# VB Makro für Excel- Variables Diagramm



## fisch80 (20. März 2007)

Hallo,

ich habe da ein kleines Problem mit meinem zusammengebasteltem Makro...

es geht um folgendes:
Es soll ein Diagramm erstellt werden, aber die Anzahl der Werte ist flexibel. das Makro soll den letzten Wert in einer Reihe finden. also es stehen sagen wir 10 Zahlen in einer Spalte dann kommen 2 Leerzeilen und danach Text oder weitere Zahlen.
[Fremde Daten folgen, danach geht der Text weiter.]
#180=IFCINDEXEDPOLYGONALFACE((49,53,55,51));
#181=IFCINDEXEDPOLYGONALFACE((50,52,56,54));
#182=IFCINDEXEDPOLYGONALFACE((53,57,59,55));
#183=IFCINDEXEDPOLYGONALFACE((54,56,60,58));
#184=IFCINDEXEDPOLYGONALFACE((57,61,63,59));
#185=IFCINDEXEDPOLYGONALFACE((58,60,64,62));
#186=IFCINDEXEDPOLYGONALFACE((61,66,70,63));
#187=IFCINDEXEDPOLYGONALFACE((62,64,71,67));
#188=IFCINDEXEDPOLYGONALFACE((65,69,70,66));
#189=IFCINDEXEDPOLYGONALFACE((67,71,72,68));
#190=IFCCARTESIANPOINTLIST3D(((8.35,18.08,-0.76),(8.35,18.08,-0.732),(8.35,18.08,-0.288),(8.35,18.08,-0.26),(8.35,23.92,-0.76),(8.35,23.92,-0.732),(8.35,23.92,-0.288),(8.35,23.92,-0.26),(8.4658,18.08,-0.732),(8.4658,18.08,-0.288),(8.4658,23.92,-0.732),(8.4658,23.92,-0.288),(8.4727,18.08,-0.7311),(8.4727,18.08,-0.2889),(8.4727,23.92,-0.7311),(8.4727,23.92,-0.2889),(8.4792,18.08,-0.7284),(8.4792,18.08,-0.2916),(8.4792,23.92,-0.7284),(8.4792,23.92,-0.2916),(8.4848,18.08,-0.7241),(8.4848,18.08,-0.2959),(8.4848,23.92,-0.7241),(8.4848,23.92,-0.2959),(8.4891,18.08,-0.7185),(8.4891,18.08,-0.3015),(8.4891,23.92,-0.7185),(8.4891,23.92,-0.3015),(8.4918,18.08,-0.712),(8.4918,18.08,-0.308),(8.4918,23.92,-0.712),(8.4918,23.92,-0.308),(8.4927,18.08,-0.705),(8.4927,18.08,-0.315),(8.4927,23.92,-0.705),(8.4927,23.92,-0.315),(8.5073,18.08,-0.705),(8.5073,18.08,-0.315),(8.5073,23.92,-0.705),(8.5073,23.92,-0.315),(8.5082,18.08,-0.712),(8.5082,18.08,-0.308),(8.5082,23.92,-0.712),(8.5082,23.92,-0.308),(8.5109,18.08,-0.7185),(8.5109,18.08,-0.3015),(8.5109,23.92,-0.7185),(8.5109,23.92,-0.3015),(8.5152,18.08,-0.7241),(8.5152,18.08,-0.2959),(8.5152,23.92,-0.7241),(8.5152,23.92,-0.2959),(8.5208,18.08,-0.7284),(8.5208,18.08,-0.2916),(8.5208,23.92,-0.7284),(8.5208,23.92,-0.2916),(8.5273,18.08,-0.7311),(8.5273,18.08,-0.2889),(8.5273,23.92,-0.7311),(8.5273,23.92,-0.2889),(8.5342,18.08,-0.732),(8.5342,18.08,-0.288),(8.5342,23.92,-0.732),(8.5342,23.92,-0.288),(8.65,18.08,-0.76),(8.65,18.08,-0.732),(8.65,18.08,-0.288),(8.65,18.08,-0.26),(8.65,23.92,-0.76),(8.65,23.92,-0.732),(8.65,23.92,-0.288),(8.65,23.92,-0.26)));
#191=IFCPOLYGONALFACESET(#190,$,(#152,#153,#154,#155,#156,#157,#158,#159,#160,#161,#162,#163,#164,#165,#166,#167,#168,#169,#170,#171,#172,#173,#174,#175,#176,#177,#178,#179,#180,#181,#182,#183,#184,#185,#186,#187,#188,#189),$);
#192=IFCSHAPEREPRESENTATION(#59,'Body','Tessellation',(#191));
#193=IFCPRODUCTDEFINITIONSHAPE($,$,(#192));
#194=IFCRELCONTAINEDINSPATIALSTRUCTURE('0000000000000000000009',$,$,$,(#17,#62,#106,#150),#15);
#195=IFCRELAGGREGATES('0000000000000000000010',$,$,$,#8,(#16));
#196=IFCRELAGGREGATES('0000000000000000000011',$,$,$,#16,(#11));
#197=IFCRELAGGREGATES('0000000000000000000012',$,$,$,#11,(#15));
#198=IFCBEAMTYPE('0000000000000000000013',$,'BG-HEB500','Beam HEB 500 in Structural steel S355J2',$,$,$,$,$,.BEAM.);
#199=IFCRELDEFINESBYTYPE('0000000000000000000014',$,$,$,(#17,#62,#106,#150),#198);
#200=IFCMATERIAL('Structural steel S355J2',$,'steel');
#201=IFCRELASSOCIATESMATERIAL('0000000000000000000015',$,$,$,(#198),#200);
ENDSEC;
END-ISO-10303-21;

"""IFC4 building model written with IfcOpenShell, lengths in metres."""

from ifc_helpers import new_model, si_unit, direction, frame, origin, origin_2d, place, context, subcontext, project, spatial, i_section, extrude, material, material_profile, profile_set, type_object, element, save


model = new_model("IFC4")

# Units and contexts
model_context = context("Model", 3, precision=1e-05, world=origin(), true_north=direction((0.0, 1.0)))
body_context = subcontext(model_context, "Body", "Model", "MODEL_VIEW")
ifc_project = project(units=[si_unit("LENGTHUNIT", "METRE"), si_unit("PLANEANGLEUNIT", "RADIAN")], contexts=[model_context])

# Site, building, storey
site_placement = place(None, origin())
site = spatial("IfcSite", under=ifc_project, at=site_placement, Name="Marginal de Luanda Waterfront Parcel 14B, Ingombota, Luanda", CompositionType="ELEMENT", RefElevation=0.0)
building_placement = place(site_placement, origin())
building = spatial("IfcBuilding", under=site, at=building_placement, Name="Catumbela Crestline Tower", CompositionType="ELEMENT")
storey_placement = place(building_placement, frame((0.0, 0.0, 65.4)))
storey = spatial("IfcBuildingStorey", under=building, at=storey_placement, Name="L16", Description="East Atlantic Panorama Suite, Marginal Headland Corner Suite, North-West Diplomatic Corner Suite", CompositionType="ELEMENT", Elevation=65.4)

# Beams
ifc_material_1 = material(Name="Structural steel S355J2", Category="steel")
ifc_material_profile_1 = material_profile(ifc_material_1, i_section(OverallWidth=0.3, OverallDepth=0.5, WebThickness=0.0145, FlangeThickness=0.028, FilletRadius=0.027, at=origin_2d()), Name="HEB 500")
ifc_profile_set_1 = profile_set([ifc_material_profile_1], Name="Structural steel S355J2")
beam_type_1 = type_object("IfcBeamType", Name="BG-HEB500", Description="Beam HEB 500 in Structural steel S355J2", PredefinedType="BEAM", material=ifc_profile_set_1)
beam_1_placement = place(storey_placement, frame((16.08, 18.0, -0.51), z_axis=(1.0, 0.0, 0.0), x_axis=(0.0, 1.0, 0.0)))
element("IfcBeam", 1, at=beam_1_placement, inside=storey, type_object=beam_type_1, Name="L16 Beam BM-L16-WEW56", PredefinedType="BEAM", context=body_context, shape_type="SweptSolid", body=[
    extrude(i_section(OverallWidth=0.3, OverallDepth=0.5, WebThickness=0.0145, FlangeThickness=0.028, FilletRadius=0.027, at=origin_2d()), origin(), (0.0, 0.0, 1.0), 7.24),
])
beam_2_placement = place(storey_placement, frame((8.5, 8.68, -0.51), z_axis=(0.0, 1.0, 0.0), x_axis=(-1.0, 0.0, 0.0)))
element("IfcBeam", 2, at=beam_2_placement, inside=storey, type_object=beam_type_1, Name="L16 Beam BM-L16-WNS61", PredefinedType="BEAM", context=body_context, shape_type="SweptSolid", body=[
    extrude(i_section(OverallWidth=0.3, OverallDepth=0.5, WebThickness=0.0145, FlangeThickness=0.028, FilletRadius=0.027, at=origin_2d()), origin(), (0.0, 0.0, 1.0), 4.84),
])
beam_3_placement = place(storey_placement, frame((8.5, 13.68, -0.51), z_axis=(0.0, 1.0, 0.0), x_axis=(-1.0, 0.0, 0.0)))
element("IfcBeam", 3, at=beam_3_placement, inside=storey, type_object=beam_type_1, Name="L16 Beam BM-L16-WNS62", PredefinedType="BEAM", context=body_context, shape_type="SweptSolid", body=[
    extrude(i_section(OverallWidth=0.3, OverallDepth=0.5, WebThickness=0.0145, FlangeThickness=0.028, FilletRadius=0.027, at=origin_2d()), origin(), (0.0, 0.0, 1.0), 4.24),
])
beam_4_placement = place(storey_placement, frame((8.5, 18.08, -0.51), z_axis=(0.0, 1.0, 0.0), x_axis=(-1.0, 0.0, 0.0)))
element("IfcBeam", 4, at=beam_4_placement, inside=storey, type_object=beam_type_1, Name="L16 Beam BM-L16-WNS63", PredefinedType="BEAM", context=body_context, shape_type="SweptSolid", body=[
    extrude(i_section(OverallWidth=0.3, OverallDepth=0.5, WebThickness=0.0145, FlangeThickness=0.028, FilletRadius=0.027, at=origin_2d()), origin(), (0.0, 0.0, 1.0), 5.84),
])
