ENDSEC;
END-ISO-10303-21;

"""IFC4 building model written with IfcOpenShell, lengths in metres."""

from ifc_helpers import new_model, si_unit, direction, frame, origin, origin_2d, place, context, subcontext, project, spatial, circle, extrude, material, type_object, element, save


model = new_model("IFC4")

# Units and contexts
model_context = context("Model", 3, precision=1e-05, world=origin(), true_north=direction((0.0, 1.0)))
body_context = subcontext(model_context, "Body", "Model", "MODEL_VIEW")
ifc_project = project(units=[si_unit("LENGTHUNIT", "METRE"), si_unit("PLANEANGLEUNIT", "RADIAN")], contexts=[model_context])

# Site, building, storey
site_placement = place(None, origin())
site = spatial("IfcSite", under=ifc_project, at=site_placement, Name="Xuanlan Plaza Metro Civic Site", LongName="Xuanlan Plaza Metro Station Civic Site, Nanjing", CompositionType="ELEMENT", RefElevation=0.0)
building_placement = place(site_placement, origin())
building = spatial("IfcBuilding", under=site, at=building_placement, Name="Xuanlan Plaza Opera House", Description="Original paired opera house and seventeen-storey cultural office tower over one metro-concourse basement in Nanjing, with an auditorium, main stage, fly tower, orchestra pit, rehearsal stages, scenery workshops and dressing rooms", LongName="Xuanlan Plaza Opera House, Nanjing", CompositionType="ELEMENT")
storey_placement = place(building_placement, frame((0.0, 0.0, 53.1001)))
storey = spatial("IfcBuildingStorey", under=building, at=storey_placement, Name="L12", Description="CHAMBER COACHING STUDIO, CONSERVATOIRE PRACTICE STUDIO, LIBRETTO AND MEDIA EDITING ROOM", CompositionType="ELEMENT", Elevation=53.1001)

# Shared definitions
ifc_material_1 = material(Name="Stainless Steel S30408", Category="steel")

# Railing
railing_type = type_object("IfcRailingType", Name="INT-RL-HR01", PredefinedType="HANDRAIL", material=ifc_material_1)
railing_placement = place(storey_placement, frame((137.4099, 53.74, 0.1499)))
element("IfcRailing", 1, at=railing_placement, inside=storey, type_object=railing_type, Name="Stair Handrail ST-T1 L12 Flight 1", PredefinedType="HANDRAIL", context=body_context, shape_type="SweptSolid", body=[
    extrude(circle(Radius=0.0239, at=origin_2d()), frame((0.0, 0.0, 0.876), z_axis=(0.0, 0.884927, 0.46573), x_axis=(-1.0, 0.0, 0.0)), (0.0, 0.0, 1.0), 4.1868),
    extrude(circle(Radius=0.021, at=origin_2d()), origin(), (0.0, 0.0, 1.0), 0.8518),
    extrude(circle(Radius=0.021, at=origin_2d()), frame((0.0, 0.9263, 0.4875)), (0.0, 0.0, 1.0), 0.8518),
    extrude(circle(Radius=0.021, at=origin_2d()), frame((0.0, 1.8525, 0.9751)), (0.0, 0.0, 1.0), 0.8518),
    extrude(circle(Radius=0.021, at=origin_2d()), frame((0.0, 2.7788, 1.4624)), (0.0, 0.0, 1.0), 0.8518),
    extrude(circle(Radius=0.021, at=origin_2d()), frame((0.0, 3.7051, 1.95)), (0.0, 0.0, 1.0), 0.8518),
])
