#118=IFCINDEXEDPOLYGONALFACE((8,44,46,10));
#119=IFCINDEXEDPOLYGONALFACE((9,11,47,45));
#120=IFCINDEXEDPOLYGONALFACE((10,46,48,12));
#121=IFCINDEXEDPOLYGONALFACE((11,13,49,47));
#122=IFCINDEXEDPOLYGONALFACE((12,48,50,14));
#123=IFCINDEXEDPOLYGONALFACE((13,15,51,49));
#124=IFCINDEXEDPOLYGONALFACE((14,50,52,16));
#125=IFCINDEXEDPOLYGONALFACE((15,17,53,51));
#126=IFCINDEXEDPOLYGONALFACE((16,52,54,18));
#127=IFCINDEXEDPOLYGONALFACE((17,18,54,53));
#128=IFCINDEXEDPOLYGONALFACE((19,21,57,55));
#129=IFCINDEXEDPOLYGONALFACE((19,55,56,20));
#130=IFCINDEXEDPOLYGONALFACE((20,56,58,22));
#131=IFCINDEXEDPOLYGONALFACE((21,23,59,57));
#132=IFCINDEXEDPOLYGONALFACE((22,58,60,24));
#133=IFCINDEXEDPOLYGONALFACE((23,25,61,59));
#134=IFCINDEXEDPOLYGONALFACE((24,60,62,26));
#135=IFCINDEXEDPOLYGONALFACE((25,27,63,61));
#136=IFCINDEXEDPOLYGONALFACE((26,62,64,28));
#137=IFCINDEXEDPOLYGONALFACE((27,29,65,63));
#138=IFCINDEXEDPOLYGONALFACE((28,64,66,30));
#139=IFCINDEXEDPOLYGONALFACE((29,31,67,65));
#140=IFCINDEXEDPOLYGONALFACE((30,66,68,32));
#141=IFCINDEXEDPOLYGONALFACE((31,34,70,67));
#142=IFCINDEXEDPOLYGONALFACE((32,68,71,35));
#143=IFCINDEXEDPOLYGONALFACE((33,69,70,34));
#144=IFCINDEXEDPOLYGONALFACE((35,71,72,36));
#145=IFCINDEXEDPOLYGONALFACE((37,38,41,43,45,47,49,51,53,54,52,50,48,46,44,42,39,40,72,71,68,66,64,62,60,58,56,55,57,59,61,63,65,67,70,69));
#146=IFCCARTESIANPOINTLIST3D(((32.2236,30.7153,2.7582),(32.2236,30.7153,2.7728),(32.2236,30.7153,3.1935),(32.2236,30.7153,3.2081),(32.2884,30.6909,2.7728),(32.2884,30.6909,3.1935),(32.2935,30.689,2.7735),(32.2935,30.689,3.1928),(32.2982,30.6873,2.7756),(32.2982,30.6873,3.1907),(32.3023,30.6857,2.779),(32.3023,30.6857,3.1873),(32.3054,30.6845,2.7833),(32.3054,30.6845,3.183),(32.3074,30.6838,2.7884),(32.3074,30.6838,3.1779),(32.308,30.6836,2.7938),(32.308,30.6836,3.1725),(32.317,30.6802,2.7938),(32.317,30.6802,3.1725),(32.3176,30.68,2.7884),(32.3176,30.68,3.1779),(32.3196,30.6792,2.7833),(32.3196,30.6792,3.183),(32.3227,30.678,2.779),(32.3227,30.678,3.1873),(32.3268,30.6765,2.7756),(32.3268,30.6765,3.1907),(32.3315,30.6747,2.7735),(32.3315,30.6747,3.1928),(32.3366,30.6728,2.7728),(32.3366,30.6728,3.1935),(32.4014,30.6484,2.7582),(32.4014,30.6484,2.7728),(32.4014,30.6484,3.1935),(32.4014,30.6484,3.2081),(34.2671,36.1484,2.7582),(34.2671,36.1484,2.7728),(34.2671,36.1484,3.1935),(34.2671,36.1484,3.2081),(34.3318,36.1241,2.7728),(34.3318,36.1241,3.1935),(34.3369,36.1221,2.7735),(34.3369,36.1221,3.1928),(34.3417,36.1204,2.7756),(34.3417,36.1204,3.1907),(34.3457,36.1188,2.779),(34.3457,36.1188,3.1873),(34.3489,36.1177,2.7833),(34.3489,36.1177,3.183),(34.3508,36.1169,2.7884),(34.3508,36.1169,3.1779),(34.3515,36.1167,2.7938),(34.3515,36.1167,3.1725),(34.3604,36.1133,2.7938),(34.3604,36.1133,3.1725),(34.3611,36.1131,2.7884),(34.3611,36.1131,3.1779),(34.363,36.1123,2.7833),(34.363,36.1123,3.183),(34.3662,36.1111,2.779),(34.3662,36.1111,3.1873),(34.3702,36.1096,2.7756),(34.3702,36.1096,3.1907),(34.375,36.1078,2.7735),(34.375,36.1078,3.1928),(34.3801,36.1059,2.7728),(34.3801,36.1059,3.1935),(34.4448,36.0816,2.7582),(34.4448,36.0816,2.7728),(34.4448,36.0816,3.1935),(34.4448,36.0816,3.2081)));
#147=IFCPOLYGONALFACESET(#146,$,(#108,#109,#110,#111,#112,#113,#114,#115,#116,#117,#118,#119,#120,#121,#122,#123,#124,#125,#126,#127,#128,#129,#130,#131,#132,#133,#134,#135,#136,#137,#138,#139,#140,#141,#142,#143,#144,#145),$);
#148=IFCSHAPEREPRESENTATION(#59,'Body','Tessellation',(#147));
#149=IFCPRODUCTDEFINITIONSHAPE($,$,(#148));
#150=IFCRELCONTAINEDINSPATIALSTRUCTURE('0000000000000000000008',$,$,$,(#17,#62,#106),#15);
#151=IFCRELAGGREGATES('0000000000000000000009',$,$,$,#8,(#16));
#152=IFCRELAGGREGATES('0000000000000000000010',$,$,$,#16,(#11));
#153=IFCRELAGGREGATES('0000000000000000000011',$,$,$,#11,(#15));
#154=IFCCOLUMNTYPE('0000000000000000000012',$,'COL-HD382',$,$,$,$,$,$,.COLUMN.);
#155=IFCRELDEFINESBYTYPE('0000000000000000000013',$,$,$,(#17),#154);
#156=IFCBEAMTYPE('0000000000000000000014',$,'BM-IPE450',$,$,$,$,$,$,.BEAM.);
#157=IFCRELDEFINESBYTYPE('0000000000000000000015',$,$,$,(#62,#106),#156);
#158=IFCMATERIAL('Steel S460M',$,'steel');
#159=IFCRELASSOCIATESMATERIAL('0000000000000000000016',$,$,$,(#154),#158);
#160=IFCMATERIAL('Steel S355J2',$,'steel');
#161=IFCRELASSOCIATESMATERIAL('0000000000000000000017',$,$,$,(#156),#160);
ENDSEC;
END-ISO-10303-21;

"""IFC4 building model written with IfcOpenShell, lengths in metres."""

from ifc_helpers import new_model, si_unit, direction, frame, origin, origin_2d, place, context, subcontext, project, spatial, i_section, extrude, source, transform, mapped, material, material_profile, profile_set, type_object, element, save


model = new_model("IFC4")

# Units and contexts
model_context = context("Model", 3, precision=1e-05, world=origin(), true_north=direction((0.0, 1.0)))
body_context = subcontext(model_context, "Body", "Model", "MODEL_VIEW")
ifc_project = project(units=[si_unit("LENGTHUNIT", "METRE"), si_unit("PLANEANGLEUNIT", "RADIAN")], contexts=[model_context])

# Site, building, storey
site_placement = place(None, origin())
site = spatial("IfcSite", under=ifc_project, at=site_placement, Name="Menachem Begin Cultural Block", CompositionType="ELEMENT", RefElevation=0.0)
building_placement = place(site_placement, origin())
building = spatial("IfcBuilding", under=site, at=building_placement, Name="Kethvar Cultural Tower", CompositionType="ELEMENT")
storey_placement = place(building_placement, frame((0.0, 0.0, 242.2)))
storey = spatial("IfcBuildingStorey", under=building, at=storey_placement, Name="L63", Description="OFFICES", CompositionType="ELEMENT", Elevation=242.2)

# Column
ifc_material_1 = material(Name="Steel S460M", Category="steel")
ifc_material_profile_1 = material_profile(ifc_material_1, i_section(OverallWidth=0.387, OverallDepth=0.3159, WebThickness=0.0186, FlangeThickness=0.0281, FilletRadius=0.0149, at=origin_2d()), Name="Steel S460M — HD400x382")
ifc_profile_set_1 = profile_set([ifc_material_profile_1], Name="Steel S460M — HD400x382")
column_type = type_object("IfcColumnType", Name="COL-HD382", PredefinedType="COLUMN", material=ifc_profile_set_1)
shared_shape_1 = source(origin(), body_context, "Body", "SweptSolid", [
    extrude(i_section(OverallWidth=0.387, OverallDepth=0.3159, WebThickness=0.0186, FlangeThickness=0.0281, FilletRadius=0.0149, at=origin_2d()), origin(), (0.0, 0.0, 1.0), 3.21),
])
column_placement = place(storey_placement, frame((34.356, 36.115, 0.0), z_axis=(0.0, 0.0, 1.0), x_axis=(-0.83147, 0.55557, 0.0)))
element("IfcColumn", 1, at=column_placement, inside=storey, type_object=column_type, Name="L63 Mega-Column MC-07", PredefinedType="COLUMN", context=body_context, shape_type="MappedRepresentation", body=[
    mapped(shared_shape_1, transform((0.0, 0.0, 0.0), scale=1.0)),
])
Das Diagramm soll aber nur die 10 Werte wiederspiegeln.


Mein zusammengeschustertes Makro findet aber immer den letzten Wert in der Spalte... Ich kenne mich mit VB kein bisschen aus und weiß nicht was ich nun ändern soll.
Kann mir einer weiterhelfen?

Hier mein derzeitiges Makro:

Charts.Add
    ActiveChart.ChartType = xlColumnClustered
    ActiveChart.SetSourceData Source:=Sheets("Tabelle1").Range("E6")
    ActiveChart.SeriesCollection.NewSeries
    ActiveChart.SeriesCollection(1).XValues = "=Tabelle1!R12C1"
        Dim a As Long

    a = IIf(IsEmpty(Sheets("Tabelle1").Range("b65536")), Sheets("Tabelle1").Range("b65536").End(xlUp).Row, 3)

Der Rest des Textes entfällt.